# TP vs TRINITY



## Scottie B (May 22, 2013)

Will a Thunder Power run with the Trinity D 3.5 motors?
I dont want to waste my money on a D 3.5 if the TP I already have will run with them. 
I am running Sportsman Truck 17.5 on a snowbirds size track 40x100....1s lipo

Also, how do you find the "sweet spot" in a brushless motor?

I ran 37 degrees timing on asphalt this past summer and the amp drap was about 2.1 at that setting, now that we are moving back on to carpet I am thinking I will possibly have to adjust that number.

Any help would be greatly appreciated.


----------



## dr voodoo (Mar 13, 2009)

are you running blinky or open

Pretty much the 3.5 will beat the tp if money is tight and you are having fun stay with the tp. its a great motor the d 3.5 after this season might be banned after this season i dont know and dont want too debate here .if you are running blinky . I would leave amps were your at and run mayby a 5.35 too start .. open max timing on speedo - 8 or so on motor with a med 12.3 rotor . try 4.40 i have Fibromialgia my memory is shot i apologise on the open rollout mayby reilley can help on this.


----------



## Scottie B (May 22, 2013)

the speedo is run in blinky...

money isnt tight, Im going to buy what I have to in order to run up front, just didnt know if the tp would run with it


----------



## dr voodoo (Mar 13, 2009)

Well then the 3.5 will stomp it


----------



## Scottie B (May 22, 2013)

my thinking was that the thunderpower can handle more heat than most motors, so I was going to increase timing until the temp got around 165-170, as long as the voltage wasnt dropping off to quickly. its running around 150 now but that is out in the 100 degree north carolina humidity, on a much bigger asphalt oval.


----------



## dr voodoo (Mar 13, 2009)

Well thinking is one thing but that's my opinion and I'm sticking too it have fun


----------



## Scottie B (May 22, 2013)

no doubt, thanks for the info!


----------



## race71 (Oct 20, 2010)

dr voodoo said:


> Well thinking is one thing but that's my opinion and I'm sticking too it have fun


He neglected to tell you that he is a Trinity mouth piece.
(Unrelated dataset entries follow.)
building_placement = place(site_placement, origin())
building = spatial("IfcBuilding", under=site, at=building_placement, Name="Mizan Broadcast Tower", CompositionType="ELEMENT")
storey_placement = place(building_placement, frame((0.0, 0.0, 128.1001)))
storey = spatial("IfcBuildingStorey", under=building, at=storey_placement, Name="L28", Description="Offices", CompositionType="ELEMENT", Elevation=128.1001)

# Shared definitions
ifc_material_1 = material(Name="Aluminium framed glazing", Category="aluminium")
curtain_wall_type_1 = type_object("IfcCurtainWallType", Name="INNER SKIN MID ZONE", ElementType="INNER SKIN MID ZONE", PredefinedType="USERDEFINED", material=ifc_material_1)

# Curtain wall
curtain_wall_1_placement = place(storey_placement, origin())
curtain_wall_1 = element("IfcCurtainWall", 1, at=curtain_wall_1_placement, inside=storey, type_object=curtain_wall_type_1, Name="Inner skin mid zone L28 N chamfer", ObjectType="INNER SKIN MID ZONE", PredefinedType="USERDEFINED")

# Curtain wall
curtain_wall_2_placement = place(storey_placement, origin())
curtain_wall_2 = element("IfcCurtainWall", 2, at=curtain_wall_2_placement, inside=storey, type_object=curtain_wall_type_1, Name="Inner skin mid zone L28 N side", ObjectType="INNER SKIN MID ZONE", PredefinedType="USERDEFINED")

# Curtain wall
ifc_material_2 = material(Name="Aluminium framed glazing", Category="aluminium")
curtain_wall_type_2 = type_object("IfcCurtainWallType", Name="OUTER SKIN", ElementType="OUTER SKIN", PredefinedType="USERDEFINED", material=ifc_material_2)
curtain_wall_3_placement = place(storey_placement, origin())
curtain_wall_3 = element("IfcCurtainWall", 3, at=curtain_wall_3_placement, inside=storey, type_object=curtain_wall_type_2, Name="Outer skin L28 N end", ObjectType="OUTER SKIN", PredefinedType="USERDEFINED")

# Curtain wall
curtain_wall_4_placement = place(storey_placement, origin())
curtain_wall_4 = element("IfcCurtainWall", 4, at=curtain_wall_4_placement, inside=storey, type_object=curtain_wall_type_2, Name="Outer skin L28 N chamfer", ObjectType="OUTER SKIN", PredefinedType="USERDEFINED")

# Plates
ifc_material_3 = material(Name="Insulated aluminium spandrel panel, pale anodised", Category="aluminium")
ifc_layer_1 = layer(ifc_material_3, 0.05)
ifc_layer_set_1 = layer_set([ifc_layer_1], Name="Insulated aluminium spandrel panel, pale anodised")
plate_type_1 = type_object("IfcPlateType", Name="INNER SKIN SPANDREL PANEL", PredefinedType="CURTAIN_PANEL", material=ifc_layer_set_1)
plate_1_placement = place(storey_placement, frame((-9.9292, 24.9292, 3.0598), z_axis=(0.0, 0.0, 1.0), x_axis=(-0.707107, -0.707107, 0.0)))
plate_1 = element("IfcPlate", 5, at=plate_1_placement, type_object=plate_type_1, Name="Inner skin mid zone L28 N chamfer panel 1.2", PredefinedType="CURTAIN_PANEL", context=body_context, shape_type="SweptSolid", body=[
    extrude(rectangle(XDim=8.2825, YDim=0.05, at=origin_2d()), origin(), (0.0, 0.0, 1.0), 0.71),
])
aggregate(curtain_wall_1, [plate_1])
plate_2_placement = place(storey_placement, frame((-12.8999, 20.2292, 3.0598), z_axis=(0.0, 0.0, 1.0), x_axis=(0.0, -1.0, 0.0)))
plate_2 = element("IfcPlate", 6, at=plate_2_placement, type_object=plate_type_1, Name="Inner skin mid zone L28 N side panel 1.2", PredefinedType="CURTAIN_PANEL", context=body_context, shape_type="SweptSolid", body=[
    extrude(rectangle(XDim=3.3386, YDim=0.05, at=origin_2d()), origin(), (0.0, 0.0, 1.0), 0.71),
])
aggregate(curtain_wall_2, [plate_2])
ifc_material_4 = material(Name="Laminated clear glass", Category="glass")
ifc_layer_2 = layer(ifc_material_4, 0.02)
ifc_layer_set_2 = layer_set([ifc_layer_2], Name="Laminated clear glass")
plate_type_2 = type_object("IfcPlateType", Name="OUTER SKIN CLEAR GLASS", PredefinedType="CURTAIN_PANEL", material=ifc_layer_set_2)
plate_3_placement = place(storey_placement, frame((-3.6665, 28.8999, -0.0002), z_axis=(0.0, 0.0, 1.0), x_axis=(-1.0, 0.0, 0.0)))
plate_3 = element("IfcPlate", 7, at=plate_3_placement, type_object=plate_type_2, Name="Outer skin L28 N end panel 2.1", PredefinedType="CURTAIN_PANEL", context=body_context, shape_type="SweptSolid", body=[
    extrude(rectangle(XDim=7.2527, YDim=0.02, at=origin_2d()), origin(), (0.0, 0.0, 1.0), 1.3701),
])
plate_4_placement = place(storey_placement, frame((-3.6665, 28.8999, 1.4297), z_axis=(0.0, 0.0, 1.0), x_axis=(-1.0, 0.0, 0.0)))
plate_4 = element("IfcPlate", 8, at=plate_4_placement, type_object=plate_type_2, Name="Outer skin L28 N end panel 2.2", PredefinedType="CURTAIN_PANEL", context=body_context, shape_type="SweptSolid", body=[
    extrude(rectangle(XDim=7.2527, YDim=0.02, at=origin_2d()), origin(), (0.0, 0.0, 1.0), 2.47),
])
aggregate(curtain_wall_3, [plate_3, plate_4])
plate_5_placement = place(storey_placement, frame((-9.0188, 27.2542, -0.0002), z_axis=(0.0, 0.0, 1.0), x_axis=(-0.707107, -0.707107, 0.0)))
How ever he is mostly right. I have seen a TP keep up with a A+ driver driving it.


----------



## bojangles (Nov 6, 2009)

I run on much a smaller track than the size you are referencing but I can tell you without any hesitation that the 3.5 with the turquoise rotor was the motor of choice for all the spec classes. I don't know what rotor the open guys used but the motor was still the 3.5. Lets put it this way, if the motor (17.5 turn D3.5) wasn't as dominate as it is and the other motor manufactures were able to run right along with it would there have been any question to legality of the motor? Keep in mind though that the D3.5 will not be legal for the entire season with a cut off date to coincide the release of their new motor (if my memory serves me correctly.) 

Yes, Voodoo is a mouthpiece for Trinity but if you have the stats to back up your claims it is easy to speak your mind and Trinity has those stats. The link below is a press release from trinity following the Snowbirds race.

http://www.trinityrc.net/wp-content/uploads/2013/02/Birds-Oval.jpg


----------



## Scottie B (May 22, 2013)

haha wow, I guess I should be looking for a good used d3.5 then


----------